Voice over IP has not quite caught on in the college market. Students seem unwilling to sacrifice quality and convenience just to converse for free over the open Internet. There has been some success from providers such as I-link ( http://www.i-link.net ), which provide a somewhat more customary degree of ease. Yale's Director of Network Operations foresees implementing SIP on the campus network within two years, and the school's Director of Information Technology Services is looking closely at deploying a private wireless cloud to facilitate both data and voice. Already, many students have turned to private cell phones for there convenience, privacy and cheaper rates. The viral success of instant messaging and cellular phones, in contrast to that of consumer VoIP plays, should be a lesson about the importance of the application layer and the direction it might take.
The Pluses and Minuses of Research and Development.
One industry trend that needs to be recognized is the exodus of R&D talent in various carrier companies to new startups or specific suppliers. In effect, what is going on is that the Industry is admitting that R&D is something they do not do well. Not because of the talent but do to the lack of commitment. It is sort of a reverse of "Not Invented Here" [NIH].

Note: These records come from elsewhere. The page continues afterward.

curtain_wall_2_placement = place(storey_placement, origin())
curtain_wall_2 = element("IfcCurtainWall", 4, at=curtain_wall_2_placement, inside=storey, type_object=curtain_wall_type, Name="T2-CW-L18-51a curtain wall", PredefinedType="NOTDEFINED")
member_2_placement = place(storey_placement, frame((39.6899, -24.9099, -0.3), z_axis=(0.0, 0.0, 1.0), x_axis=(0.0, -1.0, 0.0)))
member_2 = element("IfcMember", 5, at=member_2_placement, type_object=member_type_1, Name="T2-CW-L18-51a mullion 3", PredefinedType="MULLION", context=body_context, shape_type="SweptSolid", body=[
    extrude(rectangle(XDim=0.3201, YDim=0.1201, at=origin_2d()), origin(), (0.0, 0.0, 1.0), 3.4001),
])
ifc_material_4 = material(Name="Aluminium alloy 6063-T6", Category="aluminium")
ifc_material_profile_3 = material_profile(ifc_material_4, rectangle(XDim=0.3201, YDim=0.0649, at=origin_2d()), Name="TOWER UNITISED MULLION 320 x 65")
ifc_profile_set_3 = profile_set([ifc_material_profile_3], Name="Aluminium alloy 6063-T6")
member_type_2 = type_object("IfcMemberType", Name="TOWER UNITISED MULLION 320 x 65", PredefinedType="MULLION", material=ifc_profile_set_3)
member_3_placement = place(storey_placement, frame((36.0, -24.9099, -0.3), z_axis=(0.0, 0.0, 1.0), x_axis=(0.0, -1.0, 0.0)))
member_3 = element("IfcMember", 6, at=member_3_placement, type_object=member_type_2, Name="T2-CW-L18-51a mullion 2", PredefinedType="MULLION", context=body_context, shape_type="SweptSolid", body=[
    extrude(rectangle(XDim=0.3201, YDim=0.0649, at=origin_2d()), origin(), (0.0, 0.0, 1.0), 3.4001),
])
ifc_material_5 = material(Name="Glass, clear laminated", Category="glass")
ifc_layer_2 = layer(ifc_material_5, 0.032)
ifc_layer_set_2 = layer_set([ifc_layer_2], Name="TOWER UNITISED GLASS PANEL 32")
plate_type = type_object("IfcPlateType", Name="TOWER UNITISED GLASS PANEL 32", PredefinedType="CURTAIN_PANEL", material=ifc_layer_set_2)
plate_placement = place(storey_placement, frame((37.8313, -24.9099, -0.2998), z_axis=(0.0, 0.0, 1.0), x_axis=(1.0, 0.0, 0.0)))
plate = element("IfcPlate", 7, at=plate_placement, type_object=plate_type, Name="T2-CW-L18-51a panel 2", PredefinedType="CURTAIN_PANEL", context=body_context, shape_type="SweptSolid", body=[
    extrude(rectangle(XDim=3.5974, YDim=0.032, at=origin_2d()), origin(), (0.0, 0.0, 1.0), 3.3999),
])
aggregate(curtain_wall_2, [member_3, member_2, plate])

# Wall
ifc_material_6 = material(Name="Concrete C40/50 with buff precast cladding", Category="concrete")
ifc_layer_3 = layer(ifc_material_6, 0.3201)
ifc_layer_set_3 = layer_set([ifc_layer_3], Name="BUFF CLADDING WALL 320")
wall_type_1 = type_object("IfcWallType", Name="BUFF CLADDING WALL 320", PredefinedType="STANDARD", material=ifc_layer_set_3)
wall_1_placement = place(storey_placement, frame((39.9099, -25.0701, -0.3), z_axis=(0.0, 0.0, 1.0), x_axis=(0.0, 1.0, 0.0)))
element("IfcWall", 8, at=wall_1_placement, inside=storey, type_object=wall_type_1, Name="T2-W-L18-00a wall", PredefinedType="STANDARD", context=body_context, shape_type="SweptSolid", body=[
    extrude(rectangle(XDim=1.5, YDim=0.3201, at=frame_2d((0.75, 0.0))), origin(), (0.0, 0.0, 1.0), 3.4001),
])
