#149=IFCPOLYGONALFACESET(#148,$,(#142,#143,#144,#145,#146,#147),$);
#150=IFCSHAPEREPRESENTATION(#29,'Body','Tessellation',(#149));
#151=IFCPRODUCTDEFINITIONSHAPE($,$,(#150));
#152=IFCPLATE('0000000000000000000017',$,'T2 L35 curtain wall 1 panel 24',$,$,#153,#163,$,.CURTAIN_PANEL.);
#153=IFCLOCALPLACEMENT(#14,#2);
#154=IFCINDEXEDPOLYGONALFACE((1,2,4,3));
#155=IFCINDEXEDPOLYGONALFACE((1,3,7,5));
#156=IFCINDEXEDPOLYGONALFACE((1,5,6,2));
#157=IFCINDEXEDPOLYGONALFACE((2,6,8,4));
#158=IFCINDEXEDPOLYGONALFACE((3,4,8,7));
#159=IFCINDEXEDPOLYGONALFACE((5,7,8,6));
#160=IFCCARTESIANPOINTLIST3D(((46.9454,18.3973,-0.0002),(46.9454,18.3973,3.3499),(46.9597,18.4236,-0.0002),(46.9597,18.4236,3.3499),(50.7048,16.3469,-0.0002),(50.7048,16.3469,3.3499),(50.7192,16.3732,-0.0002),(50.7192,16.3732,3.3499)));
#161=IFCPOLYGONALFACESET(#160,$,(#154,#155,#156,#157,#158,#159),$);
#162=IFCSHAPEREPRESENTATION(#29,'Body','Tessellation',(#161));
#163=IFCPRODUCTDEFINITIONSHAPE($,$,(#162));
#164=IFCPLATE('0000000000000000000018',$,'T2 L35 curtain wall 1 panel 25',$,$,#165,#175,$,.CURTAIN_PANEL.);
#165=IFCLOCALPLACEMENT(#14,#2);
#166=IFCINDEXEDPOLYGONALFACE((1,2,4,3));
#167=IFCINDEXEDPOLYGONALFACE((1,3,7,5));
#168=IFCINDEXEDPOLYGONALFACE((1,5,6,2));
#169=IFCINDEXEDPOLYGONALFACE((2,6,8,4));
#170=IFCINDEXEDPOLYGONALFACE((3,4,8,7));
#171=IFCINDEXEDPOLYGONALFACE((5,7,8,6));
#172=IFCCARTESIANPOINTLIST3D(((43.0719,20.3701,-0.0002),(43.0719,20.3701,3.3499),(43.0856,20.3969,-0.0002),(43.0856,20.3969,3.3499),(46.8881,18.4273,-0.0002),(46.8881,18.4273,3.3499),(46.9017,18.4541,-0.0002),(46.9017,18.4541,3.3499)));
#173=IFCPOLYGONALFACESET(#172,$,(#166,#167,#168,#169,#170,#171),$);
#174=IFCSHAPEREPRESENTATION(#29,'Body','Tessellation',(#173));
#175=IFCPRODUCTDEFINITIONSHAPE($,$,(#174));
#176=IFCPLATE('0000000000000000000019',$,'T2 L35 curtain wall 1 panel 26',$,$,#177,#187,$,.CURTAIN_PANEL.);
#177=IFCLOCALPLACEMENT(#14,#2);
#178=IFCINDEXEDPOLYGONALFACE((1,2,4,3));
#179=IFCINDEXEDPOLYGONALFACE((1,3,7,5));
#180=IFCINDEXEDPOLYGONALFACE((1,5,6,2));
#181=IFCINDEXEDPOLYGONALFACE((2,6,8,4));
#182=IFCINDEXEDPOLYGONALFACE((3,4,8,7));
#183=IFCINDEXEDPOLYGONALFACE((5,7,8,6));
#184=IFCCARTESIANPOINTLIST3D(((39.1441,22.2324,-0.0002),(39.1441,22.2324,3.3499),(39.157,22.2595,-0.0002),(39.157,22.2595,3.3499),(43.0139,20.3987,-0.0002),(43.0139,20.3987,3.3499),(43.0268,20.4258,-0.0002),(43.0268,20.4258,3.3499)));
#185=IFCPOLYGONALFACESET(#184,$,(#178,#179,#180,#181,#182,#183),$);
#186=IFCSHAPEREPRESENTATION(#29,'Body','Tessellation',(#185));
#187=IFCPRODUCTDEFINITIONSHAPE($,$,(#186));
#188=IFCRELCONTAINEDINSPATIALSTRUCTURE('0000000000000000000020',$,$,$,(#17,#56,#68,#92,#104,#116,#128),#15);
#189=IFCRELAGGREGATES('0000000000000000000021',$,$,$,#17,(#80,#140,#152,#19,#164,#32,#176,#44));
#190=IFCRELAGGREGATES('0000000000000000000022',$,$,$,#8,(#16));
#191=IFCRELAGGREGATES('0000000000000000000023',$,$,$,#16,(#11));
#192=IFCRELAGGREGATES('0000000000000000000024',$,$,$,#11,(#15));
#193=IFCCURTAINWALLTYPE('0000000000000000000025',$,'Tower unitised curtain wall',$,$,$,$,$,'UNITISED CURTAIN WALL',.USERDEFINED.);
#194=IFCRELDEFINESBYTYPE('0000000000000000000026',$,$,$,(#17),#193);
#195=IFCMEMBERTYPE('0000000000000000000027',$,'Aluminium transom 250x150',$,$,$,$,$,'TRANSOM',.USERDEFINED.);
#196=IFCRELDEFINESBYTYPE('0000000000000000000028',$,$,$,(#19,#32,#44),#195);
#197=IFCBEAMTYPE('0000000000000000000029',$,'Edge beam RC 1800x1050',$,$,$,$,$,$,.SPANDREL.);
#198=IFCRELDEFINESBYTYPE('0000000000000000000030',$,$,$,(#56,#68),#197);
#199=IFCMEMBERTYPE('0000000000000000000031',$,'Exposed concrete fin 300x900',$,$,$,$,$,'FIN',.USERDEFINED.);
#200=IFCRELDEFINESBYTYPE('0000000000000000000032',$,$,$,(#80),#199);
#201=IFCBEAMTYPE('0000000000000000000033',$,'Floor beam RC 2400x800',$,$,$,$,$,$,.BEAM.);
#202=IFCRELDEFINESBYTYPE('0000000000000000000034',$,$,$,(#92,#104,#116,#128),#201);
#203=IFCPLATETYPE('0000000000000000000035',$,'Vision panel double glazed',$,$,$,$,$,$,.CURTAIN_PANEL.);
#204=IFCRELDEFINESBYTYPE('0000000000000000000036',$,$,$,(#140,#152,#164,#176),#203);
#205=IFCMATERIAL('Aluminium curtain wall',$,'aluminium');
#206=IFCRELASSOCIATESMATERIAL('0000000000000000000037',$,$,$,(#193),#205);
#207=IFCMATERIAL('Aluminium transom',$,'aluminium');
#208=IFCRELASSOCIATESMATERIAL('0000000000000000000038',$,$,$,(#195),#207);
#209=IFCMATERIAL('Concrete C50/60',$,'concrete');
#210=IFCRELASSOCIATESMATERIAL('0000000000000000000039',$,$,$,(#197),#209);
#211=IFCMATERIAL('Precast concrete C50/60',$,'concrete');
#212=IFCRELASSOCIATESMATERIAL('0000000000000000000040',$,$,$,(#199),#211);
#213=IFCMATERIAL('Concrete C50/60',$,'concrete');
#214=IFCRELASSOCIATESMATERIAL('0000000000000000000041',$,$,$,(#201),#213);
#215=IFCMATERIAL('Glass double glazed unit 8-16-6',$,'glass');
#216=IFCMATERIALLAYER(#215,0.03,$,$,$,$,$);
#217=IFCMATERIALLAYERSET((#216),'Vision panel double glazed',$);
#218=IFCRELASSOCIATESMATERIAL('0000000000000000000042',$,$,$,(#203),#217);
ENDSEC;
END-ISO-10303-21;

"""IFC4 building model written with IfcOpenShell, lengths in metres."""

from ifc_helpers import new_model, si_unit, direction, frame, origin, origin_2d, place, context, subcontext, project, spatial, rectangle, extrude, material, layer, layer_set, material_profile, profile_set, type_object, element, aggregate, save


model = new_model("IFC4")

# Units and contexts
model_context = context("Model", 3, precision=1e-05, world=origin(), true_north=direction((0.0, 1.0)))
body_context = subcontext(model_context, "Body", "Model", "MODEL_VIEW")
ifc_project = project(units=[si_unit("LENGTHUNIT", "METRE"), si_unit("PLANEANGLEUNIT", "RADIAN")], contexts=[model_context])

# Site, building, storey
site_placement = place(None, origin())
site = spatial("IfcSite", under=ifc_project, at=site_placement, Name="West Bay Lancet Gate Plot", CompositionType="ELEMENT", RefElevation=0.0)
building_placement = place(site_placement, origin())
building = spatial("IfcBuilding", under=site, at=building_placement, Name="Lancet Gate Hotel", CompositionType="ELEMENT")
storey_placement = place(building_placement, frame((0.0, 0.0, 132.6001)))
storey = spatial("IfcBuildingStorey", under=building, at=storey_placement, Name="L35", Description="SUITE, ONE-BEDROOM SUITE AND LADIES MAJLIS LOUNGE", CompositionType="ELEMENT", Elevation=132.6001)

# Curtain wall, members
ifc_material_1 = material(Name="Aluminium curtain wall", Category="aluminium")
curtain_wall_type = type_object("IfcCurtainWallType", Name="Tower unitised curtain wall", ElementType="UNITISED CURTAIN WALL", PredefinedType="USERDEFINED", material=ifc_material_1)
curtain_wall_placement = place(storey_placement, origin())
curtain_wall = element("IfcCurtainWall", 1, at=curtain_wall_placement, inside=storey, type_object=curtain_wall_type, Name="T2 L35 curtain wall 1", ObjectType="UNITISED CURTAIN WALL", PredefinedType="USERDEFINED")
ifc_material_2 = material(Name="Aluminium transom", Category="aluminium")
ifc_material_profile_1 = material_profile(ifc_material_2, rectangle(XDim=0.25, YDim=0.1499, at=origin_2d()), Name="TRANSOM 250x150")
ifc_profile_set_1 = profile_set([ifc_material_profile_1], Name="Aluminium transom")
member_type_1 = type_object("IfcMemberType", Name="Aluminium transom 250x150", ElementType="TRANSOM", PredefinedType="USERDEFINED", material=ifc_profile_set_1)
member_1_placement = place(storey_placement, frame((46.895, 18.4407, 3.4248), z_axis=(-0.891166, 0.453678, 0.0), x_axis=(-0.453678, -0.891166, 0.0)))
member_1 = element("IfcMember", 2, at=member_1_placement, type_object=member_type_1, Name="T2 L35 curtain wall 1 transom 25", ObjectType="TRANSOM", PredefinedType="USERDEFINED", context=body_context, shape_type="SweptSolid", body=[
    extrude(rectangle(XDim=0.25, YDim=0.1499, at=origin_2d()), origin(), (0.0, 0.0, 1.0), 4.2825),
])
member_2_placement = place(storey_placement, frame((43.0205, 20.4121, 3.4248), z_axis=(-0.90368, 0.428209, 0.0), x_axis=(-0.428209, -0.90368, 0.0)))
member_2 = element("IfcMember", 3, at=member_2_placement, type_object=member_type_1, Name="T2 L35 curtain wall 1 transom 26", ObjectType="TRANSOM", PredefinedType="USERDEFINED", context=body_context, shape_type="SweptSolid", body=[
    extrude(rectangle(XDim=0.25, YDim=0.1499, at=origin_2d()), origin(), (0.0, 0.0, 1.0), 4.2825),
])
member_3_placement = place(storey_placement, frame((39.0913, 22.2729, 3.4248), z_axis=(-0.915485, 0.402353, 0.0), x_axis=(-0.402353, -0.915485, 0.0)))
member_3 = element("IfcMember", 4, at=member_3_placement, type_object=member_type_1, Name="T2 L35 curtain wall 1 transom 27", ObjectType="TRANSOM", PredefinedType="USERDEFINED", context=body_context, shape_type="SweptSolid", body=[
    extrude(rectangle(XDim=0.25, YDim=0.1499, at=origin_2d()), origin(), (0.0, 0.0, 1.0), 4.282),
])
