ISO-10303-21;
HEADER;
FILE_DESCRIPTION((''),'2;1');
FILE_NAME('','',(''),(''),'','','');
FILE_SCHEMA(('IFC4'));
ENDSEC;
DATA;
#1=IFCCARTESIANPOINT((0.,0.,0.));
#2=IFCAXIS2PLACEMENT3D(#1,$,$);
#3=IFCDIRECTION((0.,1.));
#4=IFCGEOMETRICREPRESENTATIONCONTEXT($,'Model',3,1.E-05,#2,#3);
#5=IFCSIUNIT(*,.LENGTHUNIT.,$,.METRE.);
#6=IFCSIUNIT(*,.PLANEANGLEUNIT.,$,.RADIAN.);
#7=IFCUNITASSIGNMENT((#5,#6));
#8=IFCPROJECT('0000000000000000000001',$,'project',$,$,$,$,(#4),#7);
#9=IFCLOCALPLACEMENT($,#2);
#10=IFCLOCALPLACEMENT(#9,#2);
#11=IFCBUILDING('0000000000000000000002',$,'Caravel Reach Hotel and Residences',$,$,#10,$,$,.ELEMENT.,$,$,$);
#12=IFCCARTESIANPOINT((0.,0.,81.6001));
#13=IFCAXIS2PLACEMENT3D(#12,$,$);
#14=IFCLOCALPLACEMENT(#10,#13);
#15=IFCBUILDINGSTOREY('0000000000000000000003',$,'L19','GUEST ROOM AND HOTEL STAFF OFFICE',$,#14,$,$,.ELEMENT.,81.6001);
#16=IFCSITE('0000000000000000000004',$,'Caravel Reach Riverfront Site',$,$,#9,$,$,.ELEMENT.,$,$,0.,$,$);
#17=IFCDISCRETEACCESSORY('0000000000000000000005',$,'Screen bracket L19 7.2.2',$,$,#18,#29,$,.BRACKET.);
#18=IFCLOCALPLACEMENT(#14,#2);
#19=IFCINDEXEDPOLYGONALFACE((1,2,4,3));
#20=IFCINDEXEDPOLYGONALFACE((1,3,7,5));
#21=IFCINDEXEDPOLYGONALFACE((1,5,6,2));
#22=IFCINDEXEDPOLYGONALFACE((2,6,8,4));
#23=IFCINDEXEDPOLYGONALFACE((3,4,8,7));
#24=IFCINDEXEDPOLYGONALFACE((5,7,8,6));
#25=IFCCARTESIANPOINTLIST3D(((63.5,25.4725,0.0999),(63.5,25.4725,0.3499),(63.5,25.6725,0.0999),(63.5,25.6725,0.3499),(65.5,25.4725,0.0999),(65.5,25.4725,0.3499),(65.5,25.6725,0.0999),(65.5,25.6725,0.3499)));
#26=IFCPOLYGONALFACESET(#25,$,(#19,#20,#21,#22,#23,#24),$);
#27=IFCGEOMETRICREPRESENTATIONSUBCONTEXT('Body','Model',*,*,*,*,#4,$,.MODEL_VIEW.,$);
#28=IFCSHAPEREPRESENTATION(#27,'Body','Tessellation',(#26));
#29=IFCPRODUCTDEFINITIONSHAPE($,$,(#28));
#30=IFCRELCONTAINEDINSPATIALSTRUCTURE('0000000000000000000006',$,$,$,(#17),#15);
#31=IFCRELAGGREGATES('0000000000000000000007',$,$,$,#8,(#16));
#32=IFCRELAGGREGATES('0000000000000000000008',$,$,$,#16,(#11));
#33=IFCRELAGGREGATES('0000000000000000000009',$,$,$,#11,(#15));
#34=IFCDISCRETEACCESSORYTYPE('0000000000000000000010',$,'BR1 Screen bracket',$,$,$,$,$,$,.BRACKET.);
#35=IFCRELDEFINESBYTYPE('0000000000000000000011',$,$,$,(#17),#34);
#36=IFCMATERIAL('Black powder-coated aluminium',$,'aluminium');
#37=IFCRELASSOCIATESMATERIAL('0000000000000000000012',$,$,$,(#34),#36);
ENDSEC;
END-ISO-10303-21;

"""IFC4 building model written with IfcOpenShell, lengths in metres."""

from ifc_helpers import new_model, si_unit, direction, frame, origin, origin_2d, place, context, subcontext, project, spatial, rectangle, extrude, material, type_object, element, save


model = new_model("IFC4")

# Units and contexts
model_context = context("Model", 3, precision=1e-05, world=origin(), true_north=direction((0.0, 1.0)))
body_context = subcontext(model_context, "Body", "Model", "MODEL_VIEW")
ifc_project = project(units=[si_unit("LENGTHUNIT", "METRE"), si_unit("PLANEANGLEUNIT", "RADIAN")], contexts=[model_context])

# Site, building, storey
site_placement = place(None, origin())
site = spatial("IfcSite", under=ifc_project, at=site_placement, Name="Caravel Reach Riverfront Site", CompositionType="ELEMENT", RefElevation=0.0)
building_placement = place(site_placement, origin())
building = spatial("IfcBuilding", under=site, at=building_placement, Name="Caravel Reach Hotel and Residences", CompositionType="ELEMENT")
storey_placement = place(building_placement, frame((0.0, 0.0, 81.6001)))
storey = spatial("IfcBuildingStorey", under=building, at=storey_placement, Name="L19", Description="GUEST ROOM AND HOTEL STAFF OFFICE", CompositionType="ELEMENT", Elevation=81.6001)

# Discrete accessory
ifc_material_1 = material(Name="Black powder-coated aluminium", Category="aluminium")
discrete_accessory_type = type_object("IfcDiscreteAccessoryType", Name="BR1 Screen bracket", PredefinedType="BRACKET", material=ifc_material_1)
discrete_accessory_placement = place(storey_placement, frame((64.5, 25.5725, 0.0999), z_axis=(0.0, 0.0, 1.0), x_axis=(1.0, 0.0, 0.0)))
element("IfcDiscreteAccessory", 1, at=discrete_accessory_placement, inside=storey, type_object=discrete_accessory_type, Name="Screen bracket L19 7.2.2", PredefinedType="BRACKET", context=body_context, shape_type="SweptSolid", body=[
    extrude(rectangle(XDim=2.0, YDim=0.2, at=origin_2d()), origin(), (0.0, 0.0, 1.0), 0.25),
])

save(model, "model.ifc")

Carl has discussed from seeing Lab demos at various carrier R&D facilities that many are "cool solutions". But, the carrier often couldn't get the coolness out of the lab in a way that made it operational. Countless times I have watched engineers smile gleefully at simple call completion during demos, but what is needed is an easy to adapt platform for a number of services. The carriers are keeping tactical people who can aid operations in providing service while shedding people with vision.
The assumption is they will solve the issue of distinction by marketing...either bundling many services together or by selecting a key feature to implement to gain "stickiness" in their application.
I am not sure what the ultimate result is, but I am impressed with the VON companies that are taking advantage of this phenomena and hiring the available talent.